# taz.de -- Bruder und Produzent von Billie Eilish: All die bunten Bonbons
       
       > Finneas, der Bruder und Produzent von US-Überpopstar Billie Eilish, hat
       > sein Debütalbum veröffentlicht. Was taugt seine Musik?
       
 (IMG) Bild: Mit 12 begann Finneas eigene Lieder zu komponieren, hier bei einem Konzert in Las Vegas 2021
       
       Es ist ein alter Hut, dass alles irgendwann wiederkommt. Auch die Dinge,
       die man nicht vermisst hat. Bei ihrer Rückkehr nimmt man diese dann oft
       anders wahr, wohlwollender, durch die Brille der Nostalgie. Das war so, als
       vor etwa vier Jahren das Revival der 1990er Jahre auf dicken
       Buffalos-Kreppsohlen angedonnert kam. Gewöhnt hat man sich an dessen
       Ausformungen inzwischen, untrügliches Zeichen dafür, dass sich das
       Trendkarussell längst weitergedreht hat.
       
       Wenn daher nun im Herbst 2021 der 24-jährige [1][US-Künstler Finneas] in
       der dritten Singleauskopplung seines Albums „Optimist“ davon singt, er
       würde manchmal an die 1990er denken, so kommt das nicht nur wenig
       überraschend, sondern auch schon reichlich spät.
       
       Um die Mode oder die Musik jener Zeit geht es ihm dabei gar nicht primär,
       auch wenn Finneas im Musikvideo ein Regenschirmtänzchen veranstaltet, als
       wollte er das Intro der TV-Sitcom „Friends“ reinszenieren.
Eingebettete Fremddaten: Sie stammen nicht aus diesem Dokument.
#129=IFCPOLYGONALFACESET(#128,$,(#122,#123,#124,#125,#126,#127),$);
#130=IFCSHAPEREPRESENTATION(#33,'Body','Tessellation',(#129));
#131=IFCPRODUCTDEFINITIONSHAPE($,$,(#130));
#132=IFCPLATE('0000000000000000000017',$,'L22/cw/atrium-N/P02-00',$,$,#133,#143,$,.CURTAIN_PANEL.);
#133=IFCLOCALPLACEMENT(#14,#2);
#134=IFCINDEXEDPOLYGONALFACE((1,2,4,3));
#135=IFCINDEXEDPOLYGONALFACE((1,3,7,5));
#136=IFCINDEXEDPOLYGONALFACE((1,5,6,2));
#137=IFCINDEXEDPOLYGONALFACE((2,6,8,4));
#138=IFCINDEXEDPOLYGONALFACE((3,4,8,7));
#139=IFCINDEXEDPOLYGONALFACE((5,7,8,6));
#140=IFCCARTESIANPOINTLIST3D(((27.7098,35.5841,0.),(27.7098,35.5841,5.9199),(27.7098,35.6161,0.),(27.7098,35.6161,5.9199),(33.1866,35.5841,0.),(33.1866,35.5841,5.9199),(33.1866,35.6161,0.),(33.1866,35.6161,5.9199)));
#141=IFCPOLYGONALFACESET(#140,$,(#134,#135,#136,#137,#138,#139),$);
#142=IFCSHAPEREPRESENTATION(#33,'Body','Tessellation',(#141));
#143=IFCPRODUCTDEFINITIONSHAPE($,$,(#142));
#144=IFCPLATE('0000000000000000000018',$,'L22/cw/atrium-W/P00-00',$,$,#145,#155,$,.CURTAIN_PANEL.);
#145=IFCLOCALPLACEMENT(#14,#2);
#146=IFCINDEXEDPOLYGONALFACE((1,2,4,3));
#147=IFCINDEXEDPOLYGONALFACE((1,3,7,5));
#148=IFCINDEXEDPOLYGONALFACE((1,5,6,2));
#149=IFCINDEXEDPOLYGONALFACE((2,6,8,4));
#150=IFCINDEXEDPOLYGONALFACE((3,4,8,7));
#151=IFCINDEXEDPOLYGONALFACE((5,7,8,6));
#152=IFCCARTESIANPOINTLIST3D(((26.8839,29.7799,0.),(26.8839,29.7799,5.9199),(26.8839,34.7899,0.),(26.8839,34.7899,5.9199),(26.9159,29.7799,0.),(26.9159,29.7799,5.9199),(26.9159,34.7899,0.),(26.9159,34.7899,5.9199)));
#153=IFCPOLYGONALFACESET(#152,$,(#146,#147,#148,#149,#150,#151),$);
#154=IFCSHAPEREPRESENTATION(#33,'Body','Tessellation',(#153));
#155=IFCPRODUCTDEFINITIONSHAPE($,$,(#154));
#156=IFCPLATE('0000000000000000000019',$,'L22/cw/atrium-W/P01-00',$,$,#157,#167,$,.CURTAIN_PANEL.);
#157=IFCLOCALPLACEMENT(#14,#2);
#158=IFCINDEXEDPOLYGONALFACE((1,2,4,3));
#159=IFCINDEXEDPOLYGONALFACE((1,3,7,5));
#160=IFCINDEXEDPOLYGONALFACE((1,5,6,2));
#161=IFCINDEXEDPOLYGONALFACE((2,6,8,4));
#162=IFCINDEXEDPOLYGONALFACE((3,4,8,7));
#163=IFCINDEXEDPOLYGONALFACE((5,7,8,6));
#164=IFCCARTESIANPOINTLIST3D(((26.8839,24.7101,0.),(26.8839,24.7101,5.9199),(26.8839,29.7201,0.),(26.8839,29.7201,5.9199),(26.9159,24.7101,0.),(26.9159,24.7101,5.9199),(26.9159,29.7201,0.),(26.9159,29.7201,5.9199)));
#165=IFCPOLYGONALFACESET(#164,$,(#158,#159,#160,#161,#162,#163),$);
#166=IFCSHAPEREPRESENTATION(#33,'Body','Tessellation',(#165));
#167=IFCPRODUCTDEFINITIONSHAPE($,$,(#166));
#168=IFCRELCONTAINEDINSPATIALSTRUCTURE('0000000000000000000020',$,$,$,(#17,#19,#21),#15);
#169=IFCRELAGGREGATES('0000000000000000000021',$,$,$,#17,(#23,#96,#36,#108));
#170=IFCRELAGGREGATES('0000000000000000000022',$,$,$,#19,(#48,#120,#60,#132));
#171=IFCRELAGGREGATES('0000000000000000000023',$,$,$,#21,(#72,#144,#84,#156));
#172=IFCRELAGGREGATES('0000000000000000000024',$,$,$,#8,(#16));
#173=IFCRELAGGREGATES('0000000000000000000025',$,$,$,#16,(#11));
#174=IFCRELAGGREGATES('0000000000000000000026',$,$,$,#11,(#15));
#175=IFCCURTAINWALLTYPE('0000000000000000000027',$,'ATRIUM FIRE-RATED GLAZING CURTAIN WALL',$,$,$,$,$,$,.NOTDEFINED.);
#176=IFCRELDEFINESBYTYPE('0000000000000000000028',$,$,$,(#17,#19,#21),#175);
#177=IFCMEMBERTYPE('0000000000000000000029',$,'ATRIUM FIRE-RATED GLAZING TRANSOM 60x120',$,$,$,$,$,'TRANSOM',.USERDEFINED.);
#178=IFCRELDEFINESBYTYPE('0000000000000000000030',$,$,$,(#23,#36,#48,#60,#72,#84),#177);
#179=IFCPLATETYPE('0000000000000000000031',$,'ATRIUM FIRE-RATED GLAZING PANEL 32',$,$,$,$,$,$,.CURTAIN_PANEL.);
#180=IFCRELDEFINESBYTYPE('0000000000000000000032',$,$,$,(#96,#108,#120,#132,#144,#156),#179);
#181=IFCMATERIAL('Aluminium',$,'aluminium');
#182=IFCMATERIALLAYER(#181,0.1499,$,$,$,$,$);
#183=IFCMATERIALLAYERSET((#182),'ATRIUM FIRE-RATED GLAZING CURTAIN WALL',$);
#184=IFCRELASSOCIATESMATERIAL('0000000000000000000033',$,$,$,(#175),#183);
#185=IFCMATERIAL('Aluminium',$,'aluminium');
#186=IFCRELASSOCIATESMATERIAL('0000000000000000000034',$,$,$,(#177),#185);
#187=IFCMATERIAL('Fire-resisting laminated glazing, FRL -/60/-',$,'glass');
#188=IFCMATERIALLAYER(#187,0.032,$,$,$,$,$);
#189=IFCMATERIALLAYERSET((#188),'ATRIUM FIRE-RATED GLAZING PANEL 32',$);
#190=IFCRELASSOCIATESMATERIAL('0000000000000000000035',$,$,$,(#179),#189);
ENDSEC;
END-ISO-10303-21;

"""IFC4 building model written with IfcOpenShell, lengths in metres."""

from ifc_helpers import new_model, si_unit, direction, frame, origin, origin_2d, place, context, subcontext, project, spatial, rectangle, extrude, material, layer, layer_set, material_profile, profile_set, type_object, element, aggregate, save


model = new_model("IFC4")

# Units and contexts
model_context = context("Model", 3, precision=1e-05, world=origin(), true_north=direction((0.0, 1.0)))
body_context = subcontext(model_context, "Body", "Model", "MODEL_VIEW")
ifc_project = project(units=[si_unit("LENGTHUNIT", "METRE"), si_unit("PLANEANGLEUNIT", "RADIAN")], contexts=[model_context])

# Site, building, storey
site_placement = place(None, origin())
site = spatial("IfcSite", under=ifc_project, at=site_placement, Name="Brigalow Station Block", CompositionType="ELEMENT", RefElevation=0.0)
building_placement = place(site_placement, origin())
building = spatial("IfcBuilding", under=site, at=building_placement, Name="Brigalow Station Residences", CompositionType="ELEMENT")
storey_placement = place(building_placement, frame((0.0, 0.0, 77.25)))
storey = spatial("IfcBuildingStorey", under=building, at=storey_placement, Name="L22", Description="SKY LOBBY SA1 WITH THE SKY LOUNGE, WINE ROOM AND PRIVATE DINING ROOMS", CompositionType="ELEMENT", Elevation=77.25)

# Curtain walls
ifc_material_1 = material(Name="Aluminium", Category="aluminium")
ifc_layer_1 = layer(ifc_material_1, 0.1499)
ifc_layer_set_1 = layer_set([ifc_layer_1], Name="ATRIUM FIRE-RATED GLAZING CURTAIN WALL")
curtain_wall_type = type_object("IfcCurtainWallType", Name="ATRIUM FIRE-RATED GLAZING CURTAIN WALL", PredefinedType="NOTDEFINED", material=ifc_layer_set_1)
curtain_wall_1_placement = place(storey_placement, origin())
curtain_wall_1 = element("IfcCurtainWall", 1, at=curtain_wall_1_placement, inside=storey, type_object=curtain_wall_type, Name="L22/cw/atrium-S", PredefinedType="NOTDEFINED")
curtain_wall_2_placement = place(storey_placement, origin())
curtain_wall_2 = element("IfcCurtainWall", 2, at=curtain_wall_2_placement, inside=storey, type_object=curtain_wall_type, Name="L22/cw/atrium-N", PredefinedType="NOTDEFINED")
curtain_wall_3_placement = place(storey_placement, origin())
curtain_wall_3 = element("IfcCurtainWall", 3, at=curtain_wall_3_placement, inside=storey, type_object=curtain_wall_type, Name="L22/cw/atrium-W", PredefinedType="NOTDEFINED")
Sein Anliegen
       ist ernster. Finneas besingt seine Sehnsucht nach der Zeit vor dem
       Siegeszug des Internet, er warnt vor den Gefahren von Onlinestalking und
       anderen unguten Entwicklungen im Zusammenhang digitaler Medien.
       
       „All the time I should’ve been so happy I was here / Wasting it on worrying
       just made it disappear / Now my head feels so heavy / I’m left holding up
       the levee.“ Leg doch einfach mal das Telefon weg, würde man ihm da gerne
       zuraunen, wenn sich das nicht noch blöder anhören würde.
       
       „The 90s“ ist der offensichtlichste Ohrwurm auf „Optimist“. Den Song
       stellvertretend für das ganze Album herauszugreifen ergibt Sinn und auch
       wieder nicht. Eine klare Linie gibt es darauf nämlich nicht, aber
       Kippmomente ohne Ende. Und die hat „The 90s“ auch. Es beginnt als fröhlich
       vor sich hin dudelnder Popsong, dann gerät der Autotune-Regler außer
       Kontrolle und schließlich wird noch die große Kirmes-EDM-Maschine
       angeschmissen. Es ist von allem etwas viel.
       
       Im positiven Sinne viel kann man eigentlich auch von ihm erwarten.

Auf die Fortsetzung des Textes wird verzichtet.